Hey! This is RapidXML, an ancient C++ library for parsing XML quickly and flexibly.

There's a lot of forks of this around, and I (Dave Cridland) didn't write the vast majority of this library - instead, it was written by someone called Marcin Kalicinski, and his copyright is dated 2009.

Version 2, Breaking Changes

This is version 2.x. You might not want this.

It has breaking changes, the largest of which are:

  • No more case insensitive option. Really, nobody should be using XML case insensitively anyway, but it was too difficult to keep around, sorry.
  • Instead of passing around potentially unterminated character pointers with optional lengths, we now use std::basic_string_view
  • There is no need for string termination, now, so the parse function never terminates, and that option has vanished.
  • Return values that were previously bare pointers are now a safe wrapped pointer which ordinarily will check/throw for nullptr.
  • append/prepend/insert_node now also have an append/prepend/insert_element shorthand, which will allow an XML namespace to be included if wanted.
  • Parsing data can be done from a container as well as a NUL-terminated buffer. A NUL-terminated buffer is slightly faster still, and will be used if possible.

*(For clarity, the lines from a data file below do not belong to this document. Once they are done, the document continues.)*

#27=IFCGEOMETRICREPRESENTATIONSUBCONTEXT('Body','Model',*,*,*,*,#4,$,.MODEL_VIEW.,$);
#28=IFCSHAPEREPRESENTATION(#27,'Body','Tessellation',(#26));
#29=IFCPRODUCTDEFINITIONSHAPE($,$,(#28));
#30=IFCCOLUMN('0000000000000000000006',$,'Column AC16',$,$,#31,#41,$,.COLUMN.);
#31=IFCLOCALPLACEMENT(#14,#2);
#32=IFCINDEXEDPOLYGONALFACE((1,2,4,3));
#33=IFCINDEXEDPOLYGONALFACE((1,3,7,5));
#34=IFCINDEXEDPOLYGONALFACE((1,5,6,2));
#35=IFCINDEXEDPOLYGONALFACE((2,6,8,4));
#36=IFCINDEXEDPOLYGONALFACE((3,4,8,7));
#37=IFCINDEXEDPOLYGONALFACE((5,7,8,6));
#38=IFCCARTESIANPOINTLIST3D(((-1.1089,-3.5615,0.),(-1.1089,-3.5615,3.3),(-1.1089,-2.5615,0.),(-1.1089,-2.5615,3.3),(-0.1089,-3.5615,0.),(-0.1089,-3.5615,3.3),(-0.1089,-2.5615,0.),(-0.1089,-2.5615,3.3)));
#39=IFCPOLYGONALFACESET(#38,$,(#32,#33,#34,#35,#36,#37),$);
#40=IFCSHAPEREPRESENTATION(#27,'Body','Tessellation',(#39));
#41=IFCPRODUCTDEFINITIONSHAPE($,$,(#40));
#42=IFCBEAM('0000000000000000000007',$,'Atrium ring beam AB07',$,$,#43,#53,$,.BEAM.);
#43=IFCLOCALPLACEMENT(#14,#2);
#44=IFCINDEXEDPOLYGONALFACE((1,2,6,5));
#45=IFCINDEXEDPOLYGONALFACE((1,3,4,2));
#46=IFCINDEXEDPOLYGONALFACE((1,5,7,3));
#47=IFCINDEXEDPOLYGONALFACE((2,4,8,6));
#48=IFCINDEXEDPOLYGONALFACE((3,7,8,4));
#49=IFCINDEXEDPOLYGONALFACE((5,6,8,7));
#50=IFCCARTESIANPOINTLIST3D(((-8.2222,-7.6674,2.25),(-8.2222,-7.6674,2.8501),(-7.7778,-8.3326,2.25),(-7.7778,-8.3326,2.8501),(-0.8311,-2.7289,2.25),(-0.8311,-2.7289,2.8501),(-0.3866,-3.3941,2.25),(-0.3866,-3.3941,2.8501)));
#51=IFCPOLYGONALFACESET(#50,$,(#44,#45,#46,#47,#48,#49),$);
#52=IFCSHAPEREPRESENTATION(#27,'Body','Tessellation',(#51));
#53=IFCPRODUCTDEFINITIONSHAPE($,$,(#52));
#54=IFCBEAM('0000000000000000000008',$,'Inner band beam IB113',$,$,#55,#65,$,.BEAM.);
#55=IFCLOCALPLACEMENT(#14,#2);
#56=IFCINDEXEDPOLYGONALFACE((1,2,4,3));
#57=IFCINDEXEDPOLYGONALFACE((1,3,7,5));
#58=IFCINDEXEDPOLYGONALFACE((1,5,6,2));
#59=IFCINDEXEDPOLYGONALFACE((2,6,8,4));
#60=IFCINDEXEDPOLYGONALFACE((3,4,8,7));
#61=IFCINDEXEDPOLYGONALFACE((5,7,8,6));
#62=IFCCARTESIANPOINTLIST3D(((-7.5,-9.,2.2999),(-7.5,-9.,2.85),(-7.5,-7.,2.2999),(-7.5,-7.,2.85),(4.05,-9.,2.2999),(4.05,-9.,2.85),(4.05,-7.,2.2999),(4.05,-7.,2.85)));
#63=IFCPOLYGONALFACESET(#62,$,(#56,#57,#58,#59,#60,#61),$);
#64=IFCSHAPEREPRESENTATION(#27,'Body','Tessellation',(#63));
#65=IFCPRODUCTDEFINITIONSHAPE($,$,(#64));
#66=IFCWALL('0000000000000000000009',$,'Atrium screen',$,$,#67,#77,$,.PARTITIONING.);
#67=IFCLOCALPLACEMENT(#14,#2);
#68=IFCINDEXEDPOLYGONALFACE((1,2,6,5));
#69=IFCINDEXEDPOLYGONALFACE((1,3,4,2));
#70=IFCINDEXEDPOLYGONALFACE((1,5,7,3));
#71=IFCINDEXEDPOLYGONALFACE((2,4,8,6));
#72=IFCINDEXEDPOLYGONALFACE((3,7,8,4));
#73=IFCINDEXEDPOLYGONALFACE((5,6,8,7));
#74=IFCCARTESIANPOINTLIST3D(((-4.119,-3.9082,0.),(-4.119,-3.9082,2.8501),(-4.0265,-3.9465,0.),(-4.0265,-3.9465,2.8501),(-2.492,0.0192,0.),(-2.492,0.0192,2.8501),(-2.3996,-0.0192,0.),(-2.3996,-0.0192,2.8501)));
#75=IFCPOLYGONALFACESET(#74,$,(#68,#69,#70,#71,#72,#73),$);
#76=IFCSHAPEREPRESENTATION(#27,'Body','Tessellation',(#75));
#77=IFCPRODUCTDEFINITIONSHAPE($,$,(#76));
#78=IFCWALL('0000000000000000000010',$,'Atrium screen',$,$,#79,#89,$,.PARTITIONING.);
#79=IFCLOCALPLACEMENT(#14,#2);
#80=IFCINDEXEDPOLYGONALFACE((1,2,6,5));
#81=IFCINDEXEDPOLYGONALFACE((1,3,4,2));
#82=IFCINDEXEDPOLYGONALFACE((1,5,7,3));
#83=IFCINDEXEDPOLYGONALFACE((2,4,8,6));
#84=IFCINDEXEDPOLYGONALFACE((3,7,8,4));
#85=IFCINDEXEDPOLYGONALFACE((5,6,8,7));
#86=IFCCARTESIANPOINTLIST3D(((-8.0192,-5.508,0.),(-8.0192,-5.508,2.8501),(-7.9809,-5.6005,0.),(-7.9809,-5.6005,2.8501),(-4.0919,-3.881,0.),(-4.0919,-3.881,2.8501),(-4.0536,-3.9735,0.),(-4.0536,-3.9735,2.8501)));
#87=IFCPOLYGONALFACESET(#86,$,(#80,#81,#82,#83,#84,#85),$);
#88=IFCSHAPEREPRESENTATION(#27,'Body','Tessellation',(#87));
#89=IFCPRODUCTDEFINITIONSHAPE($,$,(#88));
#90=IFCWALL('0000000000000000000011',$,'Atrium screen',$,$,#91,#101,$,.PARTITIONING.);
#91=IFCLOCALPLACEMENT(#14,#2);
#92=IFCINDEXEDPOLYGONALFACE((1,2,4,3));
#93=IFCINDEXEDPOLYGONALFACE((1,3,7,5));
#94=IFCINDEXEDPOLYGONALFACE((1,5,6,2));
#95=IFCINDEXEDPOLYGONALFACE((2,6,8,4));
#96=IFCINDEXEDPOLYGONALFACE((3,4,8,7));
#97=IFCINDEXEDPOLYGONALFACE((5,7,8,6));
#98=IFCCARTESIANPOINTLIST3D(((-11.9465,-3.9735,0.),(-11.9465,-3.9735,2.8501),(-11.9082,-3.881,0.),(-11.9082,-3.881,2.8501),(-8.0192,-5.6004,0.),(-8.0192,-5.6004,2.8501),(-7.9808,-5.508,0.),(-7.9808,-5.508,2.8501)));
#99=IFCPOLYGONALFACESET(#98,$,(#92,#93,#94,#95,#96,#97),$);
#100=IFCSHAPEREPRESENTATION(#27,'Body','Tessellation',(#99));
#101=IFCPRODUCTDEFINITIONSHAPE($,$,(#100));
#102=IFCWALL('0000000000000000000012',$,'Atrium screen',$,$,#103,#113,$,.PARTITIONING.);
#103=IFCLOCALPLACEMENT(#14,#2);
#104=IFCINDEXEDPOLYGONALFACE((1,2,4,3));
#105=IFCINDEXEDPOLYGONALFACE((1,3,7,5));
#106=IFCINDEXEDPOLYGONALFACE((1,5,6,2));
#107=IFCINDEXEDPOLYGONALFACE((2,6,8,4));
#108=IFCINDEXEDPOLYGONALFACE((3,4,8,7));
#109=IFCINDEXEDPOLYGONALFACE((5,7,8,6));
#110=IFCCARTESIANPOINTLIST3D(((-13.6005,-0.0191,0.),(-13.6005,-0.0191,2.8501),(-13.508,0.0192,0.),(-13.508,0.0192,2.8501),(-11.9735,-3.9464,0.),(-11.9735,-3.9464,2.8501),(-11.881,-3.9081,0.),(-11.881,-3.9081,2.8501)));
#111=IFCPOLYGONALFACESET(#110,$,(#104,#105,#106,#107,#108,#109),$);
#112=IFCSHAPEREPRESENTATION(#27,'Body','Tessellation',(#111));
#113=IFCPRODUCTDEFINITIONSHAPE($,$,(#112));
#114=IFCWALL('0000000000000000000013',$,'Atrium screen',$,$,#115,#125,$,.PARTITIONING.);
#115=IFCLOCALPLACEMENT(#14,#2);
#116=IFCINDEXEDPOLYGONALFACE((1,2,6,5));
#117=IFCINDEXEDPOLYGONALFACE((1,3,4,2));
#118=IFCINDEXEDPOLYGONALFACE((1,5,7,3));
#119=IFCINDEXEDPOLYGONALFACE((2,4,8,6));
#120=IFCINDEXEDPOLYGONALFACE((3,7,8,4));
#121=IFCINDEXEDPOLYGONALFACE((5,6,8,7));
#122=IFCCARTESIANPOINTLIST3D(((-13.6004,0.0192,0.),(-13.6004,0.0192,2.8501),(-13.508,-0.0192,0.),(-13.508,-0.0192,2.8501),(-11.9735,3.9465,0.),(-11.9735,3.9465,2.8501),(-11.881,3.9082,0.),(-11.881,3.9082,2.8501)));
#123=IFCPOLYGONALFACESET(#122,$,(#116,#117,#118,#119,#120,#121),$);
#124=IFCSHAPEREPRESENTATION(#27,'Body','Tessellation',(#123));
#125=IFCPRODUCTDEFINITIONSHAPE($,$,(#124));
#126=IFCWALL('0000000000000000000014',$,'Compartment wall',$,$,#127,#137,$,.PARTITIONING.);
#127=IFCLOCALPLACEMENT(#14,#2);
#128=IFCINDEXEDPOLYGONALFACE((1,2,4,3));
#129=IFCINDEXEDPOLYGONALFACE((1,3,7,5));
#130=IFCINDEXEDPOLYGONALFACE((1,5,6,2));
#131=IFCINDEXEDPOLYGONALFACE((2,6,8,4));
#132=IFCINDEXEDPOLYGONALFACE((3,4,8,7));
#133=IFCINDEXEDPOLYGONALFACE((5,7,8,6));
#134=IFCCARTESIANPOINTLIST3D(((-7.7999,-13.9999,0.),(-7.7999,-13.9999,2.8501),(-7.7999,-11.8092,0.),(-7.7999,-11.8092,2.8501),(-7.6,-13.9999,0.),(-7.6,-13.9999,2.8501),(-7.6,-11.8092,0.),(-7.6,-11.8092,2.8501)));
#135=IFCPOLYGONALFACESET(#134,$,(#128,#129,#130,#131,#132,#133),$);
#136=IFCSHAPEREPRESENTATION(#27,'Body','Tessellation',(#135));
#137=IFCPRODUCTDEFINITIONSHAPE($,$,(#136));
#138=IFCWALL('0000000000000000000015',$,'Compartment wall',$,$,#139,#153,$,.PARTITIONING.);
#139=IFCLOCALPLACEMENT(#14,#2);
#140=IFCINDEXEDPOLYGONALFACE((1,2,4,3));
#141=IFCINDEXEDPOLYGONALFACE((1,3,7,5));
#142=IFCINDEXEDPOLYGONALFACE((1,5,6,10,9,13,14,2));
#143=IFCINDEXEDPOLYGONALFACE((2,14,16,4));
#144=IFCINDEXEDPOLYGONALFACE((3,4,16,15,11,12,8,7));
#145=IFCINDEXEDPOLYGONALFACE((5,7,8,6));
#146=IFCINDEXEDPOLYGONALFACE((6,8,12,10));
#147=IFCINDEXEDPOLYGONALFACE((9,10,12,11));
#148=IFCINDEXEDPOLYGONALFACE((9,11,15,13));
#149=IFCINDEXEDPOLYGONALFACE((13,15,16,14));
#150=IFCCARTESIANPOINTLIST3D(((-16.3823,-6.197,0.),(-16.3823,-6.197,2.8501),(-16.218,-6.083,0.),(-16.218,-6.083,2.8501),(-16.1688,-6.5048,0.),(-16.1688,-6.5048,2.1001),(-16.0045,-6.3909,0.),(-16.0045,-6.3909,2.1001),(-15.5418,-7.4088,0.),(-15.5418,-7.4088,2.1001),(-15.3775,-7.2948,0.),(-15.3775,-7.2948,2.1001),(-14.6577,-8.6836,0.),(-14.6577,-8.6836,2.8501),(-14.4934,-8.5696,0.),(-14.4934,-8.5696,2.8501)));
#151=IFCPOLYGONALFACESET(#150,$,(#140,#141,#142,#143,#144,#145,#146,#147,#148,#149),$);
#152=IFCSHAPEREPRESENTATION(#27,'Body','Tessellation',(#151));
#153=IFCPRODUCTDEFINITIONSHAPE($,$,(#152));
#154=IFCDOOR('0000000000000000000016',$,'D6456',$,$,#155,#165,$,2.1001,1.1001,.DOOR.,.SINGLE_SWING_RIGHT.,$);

Not breaking, but kind of nice:

  • The parse buffer is now treated as const, and will never be mutated. This incurs a slight performance penalty for handling long text values that have an encoded entity late in the string.
  • The iterators library is now included by default, and updated to handle most idiomatic modern C++ operations.

Internal changes:

  • There is no longer a internal::measure or internal::compare; these just use the std::char_traits functions as used by the string_views.
  • Reserialization (that is, using the rapidxml::print family on a tree that is mostly or entirely from parsing) is now much faster, and will optimize itself to use simple buffer copies where the data is unchanged from parsing.
  • Alignment of the allocator uses C++11's alignof/std::align, and so sould be more portable.

Fun

The rapidxml_iterators library is now included in rapidxml.hpp, and you can do amusing things like:

for (auto & child : node.children()) {
    if (child.name() == "potato") scream_for(joy);
}

More in tests/iterators.cpp

For those of us who lose track of the buffer sometimes, clone_node() now takes an optional second argument of "true" if you want to also clone the strings. Otherwise, nodes will use string_views which reference the original parsed buffer.

Gotchas

The functions like find_node and name(...) that took a Ch * and optional length now take only a std::basic_string_view. Typical usage passed in 0, NULL, or nullptr for unwanted values; this will now segfault on C++20 and earlier - use C++23 ideally, but you can pass in {} instead. This should probably be a std::optional<std::basic_string_view> instead.

Changes

I needed a library for fast XMPP processing (reading, processing, and reserializing), and this mostly fit the bill. However, not entirely, so this version adds:

  • XML Namespace support
  • An additional parse mode flag for doing shallow parsing.
  • An additional parse mode flag for extracting just one (child) element.

Tests

The other thing this fork added was a file of simple tests, which I've recently rewritten into GoogleTest.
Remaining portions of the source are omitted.